- Specialty: Infectious disease

= Acariasis =

Parasitic ectoparasitic infectious disease caused by mites

Acariasis is a medical condition characterized by infestation of human or animal tissues by mites, a diverse group of microscopic arthropods belonging to the order Acari. This condition can manifest in multiple ways, ranging from skin-related disorders to potentially invasive infections affecting various bodily systems. Unlike many parasitic infestations, acariasis is not limited to cutaneous manifestations and can impact internal organs, including the gastrointestinal and respiratory tracts.

==Terminology==
There are several complications with the terminology:

Acariasis is a term for a rash, caused by mites, sometimes with a papillae (pruritic dermatitis) or papule (papular urticaria), and usually accompanied by a hive (urticaria) and severe itching sensations. An example of such an infection is scabies or gamasoidosis.

The closely related term, mange, is commonly used with domestic animals and also livestock and wild mammals, whenever hair-loss is involved. Sarcoptes and Demodex species are involved in mange, but both of these genera are also involved in human skin diseases (by convention only, not called mange). Sarcoptes in humans is especially severe symptomatically, and causes the condition scabies noted above.

Another genus of mite which causing itching but rarely causes hair loss because it burrows only at the keratin level, is Cheyletiella. Various species of this genus of mite also affect a wide variety of mammals, including humans.

Mite infestation sometimes implies an ectoparasitic, cutaneous condition such as dermatitis. However, it is possible for mites to invade the gastrointestinal and urinary tracts.

MeSH uses the term "Mite Infestations" as pertaining to Acariformes. However, mites not in this grouping can be associated with human disease. (See "Classification", below.)

The term Acari refers to ticks and mites together, which can cause ambiguity. (Mites are a paraphyletic grouping).

Mites can be associated with disease in at least three different ways: (1) cutaneous dermatitis, (2) production of allergin, and (3) as a vector for parasitic diseases. The language used to describe mite infestation often does not distinguish among these.

==Classification==
Most of the mites which cause this condition to humans are from the order Acari, hence the name Acariasis.
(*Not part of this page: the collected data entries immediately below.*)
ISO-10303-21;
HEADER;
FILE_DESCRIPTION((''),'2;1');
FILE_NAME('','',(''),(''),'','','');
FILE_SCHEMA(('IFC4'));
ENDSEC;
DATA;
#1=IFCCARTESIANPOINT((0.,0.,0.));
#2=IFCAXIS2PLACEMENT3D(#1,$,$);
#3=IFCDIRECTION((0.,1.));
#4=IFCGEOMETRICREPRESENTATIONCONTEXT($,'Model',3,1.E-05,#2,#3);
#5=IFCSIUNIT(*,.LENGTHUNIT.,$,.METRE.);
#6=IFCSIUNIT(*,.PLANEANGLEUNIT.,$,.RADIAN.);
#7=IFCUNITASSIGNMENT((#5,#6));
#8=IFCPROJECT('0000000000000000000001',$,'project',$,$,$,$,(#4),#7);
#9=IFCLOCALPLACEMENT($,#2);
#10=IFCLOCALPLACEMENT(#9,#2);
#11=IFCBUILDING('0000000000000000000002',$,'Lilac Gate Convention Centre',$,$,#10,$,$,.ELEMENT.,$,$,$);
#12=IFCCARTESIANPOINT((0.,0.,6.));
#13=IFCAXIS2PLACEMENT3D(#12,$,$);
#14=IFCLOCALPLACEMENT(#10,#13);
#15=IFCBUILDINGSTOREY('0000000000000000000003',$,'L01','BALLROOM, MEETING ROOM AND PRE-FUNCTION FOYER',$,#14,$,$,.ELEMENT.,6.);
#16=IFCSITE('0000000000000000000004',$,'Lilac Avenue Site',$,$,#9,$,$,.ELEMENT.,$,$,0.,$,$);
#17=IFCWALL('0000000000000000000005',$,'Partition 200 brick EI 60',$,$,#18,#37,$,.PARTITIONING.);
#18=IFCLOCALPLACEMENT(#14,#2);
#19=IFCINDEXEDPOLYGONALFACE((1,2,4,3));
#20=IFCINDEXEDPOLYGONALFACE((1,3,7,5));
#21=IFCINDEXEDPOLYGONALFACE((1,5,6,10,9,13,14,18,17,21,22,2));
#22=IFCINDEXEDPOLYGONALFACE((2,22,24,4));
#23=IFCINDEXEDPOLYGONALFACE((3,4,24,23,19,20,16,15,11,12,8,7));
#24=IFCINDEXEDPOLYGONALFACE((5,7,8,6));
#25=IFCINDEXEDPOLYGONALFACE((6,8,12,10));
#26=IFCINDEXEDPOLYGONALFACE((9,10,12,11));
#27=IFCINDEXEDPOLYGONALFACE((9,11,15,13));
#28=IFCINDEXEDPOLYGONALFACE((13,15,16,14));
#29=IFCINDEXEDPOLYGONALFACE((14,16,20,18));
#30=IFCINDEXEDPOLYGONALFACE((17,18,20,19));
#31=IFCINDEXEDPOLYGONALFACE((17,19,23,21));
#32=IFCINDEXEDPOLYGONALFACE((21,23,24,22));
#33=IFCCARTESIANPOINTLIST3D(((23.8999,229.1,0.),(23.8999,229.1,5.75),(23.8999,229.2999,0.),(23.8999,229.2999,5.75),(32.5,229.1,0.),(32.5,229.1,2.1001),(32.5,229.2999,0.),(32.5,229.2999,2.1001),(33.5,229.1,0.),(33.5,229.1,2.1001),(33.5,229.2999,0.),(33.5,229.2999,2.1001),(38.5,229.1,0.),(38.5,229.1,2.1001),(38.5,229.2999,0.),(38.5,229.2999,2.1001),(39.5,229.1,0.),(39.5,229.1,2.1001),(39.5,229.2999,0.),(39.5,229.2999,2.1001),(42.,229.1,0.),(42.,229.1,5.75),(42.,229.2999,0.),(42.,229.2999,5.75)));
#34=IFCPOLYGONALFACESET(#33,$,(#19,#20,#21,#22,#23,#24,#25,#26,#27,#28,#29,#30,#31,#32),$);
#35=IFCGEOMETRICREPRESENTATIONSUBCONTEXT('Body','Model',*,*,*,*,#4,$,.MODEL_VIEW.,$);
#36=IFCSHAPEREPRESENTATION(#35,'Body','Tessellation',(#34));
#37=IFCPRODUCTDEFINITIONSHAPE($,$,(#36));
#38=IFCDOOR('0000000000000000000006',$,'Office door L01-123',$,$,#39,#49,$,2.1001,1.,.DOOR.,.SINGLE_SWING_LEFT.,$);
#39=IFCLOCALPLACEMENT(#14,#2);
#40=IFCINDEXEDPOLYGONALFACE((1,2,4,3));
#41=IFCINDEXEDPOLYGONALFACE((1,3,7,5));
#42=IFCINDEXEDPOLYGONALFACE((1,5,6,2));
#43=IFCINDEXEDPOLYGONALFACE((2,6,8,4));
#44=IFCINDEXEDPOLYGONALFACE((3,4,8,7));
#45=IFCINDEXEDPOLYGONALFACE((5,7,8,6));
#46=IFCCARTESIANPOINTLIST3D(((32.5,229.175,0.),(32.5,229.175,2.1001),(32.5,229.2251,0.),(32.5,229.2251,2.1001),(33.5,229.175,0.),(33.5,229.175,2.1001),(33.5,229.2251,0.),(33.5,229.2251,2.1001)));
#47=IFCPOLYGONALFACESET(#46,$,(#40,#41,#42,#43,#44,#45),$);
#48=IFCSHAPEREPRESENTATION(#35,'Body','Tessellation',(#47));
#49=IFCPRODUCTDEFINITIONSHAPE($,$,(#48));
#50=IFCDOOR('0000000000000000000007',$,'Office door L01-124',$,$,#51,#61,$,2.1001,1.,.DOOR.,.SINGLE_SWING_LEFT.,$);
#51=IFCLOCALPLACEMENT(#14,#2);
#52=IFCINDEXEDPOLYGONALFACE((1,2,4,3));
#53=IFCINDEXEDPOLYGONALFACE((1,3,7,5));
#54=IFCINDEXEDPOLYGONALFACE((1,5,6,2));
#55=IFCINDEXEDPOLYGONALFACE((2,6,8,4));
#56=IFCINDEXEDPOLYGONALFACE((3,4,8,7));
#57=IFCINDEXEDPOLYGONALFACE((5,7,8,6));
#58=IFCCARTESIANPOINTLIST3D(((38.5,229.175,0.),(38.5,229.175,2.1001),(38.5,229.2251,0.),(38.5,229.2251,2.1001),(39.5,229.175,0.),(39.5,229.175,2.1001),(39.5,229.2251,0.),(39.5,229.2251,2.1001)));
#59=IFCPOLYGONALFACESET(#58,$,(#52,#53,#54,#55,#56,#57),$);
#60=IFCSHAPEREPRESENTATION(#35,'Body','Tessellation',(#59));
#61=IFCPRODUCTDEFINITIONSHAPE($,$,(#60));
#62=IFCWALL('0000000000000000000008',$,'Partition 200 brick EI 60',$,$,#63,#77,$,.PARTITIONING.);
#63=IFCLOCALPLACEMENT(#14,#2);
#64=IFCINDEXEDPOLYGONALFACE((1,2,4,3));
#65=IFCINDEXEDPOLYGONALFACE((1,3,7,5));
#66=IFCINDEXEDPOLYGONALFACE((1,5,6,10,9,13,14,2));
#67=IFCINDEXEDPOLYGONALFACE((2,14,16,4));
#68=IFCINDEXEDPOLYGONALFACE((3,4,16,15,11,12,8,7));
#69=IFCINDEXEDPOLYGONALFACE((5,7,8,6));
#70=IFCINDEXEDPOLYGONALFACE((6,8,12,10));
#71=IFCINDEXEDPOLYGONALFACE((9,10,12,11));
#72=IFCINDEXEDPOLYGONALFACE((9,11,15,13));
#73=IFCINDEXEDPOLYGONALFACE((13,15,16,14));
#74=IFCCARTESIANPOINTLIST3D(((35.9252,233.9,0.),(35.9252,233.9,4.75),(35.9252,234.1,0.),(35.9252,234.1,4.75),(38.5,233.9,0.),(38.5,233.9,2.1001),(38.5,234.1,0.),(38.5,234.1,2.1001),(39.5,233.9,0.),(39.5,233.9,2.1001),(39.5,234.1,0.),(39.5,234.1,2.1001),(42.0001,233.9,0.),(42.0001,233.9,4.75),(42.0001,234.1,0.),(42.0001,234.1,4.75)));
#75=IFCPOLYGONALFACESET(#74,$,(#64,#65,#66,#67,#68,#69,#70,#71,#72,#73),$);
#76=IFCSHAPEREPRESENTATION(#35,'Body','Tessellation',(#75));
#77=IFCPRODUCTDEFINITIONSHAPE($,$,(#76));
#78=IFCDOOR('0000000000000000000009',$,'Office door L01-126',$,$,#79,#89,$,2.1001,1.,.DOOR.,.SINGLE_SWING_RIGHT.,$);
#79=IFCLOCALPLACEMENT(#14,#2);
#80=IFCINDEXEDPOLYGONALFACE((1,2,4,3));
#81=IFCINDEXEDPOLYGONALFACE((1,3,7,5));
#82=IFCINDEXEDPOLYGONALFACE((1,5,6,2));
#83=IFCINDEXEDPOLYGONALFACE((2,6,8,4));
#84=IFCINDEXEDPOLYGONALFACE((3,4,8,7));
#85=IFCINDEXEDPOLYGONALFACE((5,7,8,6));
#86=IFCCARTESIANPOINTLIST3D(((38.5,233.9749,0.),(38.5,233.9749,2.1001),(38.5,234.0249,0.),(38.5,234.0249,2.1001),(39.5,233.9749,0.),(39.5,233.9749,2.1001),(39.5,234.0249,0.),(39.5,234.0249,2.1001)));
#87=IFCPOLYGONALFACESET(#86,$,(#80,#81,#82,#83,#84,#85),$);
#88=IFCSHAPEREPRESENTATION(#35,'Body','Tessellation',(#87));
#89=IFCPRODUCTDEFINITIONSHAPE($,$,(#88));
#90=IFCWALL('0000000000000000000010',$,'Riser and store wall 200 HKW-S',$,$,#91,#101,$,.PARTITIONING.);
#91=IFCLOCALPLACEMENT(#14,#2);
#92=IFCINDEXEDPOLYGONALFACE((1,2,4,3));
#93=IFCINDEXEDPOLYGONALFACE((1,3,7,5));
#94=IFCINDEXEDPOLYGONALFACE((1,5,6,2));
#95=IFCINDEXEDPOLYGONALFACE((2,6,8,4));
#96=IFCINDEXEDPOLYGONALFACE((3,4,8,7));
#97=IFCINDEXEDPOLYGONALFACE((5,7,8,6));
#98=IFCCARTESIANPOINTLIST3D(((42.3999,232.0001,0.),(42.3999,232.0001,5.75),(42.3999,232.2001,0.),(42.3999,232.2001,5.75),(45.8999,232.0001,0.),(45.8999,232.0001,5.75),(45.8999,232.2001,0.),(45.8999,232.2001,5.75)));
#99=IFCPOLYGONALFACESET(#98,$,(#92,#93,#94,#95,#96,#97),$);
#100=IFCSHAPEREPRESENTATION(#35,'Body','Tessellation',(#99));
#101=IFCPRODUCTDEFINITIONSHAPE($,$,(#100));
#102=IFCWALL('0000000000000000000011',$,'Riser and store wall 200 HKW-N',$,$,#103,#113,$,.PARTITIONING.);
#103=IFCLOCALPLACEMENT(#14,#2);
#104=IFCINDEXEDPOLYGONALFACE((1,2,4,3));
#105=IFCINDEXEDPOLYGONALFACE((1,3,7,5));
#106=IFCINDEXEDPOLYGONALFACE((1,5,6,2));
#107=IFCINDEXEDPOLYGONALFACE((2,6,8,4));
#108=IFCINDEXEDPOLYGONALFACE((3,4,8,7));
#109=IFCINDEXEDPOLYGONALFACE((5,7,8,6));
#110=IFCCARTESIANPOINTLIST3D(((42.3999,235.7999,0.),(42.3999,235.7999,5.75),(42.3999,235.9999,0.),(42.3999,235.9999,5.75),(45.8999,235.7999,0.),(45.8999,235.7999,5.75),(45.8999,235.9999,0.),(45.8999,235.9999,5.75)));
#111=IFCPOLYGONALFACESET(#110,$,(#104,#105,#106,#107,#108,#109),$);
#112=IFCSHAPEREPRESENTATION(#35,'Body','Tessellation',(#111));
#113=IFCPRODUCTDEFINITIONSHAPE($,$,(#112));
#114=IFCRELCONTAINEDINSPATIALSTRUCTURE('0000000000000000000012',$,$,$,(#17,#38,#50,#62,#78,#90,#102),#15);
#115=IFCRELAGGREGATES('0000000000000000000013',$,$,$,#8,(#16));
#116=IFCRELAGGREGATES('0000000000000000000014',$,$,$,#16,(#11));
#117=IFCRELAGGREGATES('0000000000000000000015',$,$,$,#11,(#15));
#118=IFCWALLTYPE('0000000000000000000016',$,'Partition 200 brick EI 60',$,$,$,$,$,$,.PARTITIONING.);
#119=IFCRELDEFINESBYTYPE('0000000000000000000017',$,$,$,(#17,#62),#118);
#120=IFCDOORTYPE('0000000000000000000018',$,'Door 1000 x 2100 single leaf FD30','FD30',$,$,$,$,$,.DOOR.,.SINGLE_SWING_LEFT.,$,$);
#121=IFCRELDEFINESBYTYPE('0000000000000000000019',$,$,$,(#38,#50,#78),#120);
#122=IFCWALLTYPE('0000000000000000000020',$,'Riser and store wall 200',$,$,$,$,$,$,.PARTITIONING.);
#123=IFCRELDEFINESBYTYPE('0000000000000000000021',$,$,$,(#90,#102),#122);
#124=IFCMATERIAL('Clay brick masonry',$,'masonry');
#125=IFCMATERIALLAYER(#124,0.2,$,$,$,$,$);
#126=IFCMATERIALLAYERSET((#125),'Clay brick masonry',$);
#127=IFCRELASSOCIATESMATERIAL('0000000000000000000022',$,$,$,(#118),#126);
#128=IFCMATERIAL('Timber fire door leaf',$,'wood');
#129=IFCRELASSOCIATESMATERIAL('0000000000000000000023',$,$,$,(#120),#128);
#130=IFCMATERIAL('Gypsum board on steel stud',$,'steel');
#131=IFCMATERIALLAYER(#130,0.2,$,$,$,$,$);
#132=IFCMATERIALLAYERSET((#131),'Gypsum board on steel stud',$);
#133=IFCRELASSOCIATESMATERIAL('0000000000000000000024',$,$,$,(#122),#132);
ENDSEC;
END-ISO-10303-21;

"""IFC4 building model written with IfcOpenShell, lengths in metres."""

from ifc_helpers import new_model, si_unit, direction, frame, frame_2d, origin, place, context, subcontext, project, spatial, rectangle, extrude, material, layer, layer_set, type_object, element, fill, save


model = new_model("IFC4")

# Units and contexts
model_context = context("Model", 3, precision=1e-05, world=origin(), true_north=direction((0.0, 1.0)))
body_context = subcontext(model_context, "Body", "Model", "MODEL_VIEW")
ifc_project = project(units=[si_unit("LENGTHUNIT", "METRE"), si_unit("PLANEANGLEUNIT", "RADIAN")], contexts=[model_context])

# Site, building, storey
site_placement = place(None, origin())
site = spatial("IfcSite", under=ifc_project, at=site_placement, Name="Lilac Avenue Site", CompositionType="ELEMENT", RefElevation=0.0)
building_placement = place(site_placement, origin())
building = spatial("IfcBuilding", under=site, at=building_placement, Name="Lilac Gate Convention Centre", CompositionType="ELEMENT")
storey_placement = place(building_placement, frame((0.0, 0.0, 6.0)))
storey = spatial("IfcBuildingStorey", under=building, at=storey_placement, Name="L01", Description="BALLROOM, MEETING ROOM AND PRE-FUNCTION FOYER", CompositionType="ELEMENT", Elevation=6.0)

# Wall, openings, doors
ifc_material_1 = material(Name="Clay brick masonry", Category="masonry")
ifc_layer_1 = layer(ifc_material_1, 0.2)
ifc_layer_set_1 = layer_set([ifc_layer_1], Name="Clay brick masonry")
wall_type_1 = type_object("IfcWallType", Name="Partition 200 brick EI 60", PredefinedType="PARTITIONING", material=ifc_layer_set_1)
wall_1_placement = place(storey_placement, frame((23.8999, 229.2, 0.0), z_axis=(0.0, 0.0, 1.0), x_axis=(1.0, 0.0, 0.0)))
wall_1 = element("IfcWall", 1, at=wall_1_placement, inside=storey, type_object=wall_type_1, Name="Partition 200 brick EI 60", PredefinedType="PARTITIONING", context=body_context, shape_type="SweptSolid", body=[
    extrude(rectangle(XDim=18.1001, YDim=0.2, at=frame_2d((9.05, 0.0))), origin(), (0.0, 0.0, 1.0), 5.75),
])
opening_1_placement = place(wall_1_placement, frame((8.6001, 0.0, 0.0)))
opening_1 = element("IfcOpeningElement", 2, at=opening_1_placement, cuts=wall_1, PredefinedType="OPENING", context=body_context, shape_type="SweptSolid", body=[
    extrude(rectangle(XDim=1.0, YDim=2.1001, at=frame_2d((0.5, 1.05))), frame((0.0, 0.1099, 0.0), z_axis=(0.0, -1.0, 0.0), x_axis=(1.0, 0.0, 0.0)), (0.0, 0.0, 1.0), 0.22),
])
opening_2_placement = place(wall_1_placement, frame((14.6001, 0.0, 0.0)))
opening_2 = element("IfcOpeningElement", 3, at=opening_2_placement, cuts=wall_1, PredefinedType="OPENING", context=body_context, shape_type="SweptSolid", body=[
    extrude(rectangle(XDim=1.0, YDim=2.1001, at=frame_2d((0.5, 1.05))), frame((0.0, 0.1099, 0.0), z_axis=(0.0, -1.0, 0.0), x_axis=(1.0, 0.0, 0.0)), (0.0, 0.0, 1.0), 0.22),
])
ifc_material_2 = material(Name="Timber fire door leaf", Category="wood")
door_type = type_object("IfcDoorType", Name="Door 1000 x 2100 single leaf FD30", Description="FD30", OperationType="SINGLE_SWING_LEFT", PredefinedType="DOOR", material=ifc_material_2)
door_1_placement = place(opening_1_placement, frame((1.0, 0.0, 0.0), z_axis=(0.0, 0.0, 1.0), x_axis=(-1.0, 0.0, 0.0)))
The entire taxonomic classification to order would be:
- Kingdom: Animalia
- Phylum: Arthropoda
- Subphylum: Chelicerata
- Class: Arachnida
- Order: Acari (At the order level, there is still substantial argument among researchers as to how to categorize Acari. Some call it a subclass, others a superorder, "Acarina".)

Specific species involved include:
- Acariformes
  - Trombidiformes
    - Trombicula species (Trombiculosis or chiggers)
    - Demodex species (Demodicosis)
    - Pyemotes tritici
    - Cheyletiella
  - Sarcoptiformes
    - Sarcoptes scabiei (Scabies)
- Parasitiformes
  - Dermanyssus gallinae, Ornithonyssus bursa, Ornithonyssus sylviarum (Gamasoidosis)
  - Liponyssoides sanguineus, Laelaps echidnina, Ornithonyssus bacoti (Rodent mite dermatitis)
  - Another candidate is Androlaelaps casalis. However, based on this mite's life style as a predator on other mite species (such as the previously mentioned Dermanyssus gallinae), it is highly unlikely to be a cause of acariasis.
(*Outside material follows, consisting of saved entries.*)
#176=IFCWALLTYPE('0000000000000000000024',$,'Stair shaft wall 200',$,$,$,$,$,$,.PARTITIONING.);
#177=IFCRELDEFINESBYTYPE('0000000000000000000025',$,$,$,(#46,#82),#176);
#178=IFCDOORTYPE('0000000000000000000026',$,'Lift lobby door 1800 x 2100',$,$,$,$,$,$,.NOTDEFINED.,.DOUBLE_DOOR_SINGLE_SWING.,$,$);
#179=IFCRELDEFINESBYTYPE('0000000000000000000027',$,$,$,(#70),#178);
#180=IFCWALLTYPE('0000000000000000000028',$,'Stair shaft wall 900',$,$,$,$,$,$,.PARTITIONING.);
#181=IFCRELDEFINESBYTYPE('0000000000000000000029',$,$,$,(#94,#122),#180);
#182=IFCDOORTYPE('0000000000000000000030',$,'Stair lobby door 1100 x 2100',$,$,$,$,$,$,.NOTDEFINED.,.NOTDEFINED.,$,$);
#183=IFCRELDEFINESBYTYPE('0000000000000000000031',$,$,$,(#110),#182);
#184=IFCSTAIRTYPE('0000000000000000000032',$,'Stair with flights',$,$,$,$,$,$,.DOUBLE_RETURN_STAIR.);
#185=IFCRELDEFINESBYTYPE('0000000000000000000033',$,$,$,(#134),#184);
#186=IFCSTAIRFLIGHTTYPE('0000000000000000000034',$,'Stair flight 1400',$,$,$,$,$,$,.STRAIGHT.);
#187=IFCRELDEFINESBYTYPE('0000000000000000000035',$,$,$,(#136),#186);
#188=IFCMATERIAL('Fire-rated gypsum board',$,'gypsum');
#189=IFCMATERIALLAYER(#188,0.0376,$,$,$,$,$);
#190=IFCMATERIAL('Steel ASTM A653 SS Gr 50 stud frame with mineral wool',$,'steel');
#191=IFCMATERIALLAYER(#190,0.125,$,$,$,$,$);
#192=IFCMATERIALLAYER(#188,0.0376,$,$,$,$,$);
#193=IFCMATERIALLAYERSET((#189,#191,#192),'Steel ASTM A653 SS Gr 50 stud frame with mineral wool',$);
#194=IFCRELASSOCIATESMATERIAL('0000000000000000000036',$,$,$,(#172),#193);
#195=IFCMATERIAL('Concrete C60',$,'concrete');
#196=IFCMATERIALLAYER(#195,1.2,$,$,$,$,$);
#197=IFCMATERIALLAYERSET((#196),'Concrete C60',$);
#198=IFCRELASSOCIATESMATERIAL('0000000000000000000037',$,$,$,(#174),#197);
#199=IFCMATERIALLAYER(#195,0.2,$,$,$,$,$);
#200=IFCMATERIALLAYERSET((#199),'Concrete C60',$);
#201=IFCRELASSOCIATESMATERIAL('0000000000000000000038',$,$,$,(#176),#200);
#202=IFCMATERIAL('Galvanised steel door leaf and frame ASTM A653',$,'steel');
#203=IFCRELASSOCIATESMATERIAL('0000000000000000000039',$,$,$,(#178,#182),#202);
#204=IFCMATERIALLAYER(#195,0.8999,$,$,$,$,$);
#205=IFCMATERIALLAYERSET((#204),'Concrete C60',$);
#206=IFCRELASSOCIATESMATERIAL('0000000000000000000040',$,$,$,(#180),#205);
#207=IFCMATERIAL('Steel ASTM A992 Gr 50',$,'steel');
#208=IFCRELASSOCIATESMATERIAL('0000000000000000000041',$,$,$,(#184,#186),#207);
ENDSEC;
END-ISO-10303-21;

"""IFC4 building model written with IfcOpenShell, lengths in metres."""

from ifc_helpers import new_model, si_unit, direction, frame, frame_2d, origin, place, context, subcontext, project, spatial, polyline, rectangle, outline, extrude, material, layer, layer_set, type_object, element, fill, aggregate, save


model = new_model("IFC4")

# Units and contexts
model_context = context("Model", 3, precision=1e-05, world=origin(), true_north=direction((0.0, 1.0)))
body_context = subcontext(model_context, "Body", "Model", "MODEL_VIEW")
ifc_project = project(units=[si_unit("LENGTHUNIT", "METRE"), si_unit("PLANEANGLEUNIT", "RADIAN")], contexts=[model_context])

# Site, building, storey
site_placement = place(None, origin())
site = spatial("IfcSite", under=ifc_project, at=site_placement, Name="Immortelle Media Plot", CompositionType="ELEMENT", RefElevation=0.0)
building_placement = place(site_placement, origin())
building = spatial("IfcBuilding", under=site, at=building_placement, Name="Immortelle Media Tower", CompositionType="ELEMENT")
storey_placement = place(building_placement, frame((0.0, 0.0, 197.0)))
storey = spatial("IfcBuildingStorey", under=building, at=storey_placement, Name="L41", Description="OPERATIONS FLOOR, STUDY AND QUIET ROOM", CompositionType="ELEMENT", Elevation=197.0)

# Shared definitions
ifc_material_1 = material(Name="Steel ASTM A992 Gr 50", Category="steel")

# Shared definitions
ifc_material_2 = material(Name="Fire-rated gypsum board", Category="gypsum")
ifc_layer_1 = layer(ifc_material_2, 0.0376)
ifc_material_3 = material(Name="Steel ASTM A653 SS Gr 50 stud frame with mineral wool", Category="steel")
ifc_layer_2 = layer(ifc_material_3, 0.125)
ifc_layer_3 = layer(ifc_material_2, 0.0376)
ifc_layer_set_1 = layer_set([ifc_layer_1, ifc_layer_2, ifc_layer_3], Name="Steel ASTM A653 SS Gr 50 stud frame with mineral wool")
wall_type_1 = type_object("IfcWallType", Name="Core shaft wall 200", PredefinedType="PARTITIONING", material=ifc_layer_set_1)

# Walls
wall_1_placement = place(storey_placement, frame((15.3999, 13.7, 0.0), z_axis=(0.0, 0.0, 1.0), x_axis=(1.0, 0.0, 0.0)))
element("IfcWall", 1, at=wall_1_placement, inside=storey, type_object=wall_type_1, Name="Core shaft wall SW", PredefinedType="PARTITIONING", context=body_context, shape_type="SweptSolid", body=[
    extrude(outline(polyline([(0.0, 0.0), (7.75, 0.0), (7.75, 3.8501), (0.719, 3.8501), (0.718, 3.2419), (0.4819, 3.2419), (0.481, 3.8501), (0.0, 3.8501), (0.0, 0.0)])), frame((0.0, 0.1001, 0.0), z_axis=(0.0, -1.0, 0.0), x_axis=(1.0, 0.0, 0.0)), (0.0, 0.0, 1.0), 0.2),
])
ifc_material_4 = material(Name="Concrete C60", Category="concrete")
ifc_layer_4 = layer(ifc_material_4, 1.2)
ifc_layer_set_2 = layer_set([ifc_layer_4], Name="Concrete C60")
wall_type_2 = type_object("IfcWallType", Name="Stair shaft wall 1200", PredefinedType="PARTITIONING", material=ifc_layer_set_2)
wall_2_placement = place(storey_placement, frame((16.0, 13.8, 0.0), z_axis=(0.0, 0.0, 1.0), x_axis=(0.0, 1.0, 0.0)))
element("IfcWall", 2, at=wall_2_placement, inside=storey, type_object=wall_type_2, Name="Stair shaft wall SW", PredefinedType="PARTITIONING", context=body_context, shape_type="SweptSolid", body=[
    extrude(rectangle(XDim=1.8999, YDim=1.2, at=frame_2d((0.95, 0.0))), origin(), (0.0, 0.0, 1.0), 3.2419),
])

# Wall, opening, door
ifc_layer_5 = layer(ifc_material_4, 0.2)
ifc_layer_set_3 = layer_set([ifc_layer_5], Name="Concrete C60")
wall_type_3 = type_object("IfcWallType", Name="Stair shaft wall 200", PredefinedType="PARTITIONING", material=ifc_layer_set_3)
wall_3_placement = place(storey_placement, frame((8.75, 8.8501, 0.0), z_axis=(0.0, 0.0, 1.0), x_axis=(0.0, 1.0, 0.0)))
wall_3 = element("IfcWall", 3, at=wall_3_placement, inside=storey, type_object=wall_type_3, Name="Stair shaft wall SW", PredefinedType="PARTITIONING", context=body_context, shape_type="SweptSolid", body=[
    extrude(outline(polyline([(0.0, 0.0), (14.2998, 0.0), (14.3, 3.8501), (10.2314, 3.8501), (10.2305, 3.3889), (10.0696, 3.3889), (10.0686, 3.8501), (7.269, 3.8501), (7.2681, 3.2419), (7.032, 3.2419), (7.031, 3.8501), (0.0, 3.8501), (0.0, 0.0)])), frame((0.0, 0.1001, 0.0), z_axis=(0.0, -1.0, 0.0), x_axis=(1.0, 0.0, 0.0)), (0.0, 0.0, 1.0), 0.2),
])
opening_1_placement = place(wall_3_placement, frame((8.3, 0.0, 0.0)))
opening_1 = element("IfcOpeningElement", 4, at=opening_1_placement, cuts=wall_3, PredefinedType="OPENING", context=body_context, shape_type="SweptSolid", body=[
Some of these reflect reports existing of human infestation by mites previously believed not to prey on humans.

==Diagnosis==
Medical doctors and dermatologists can still misdiagnose this rash as many are unfamiliar with parasitism, not trained in it, or if they do consider it, cannot see the mites.

Different methods for detection are recognized for different acariasis infections. Human acariasis with mites can occur in the gastrointestinal tract, lungs, urinary tracts and other organs which have not been well-studied. For intestinal acariasis, symptoms such as abdominal pain, diarrhea, and hematochezia have been reported. Diagnosis of intestinal acariasis is confirmed by the detection of mites in stools, which must be microscopically examined to confirm the specific species of mite causing the infestation. For pulmonary acariasis, the presence of mites in sputum is determined by identifying the presence and number of mites in the sputum of patients with respiratory symptoms. Both physical and chemical methods for liquefaction of sputum have been developed.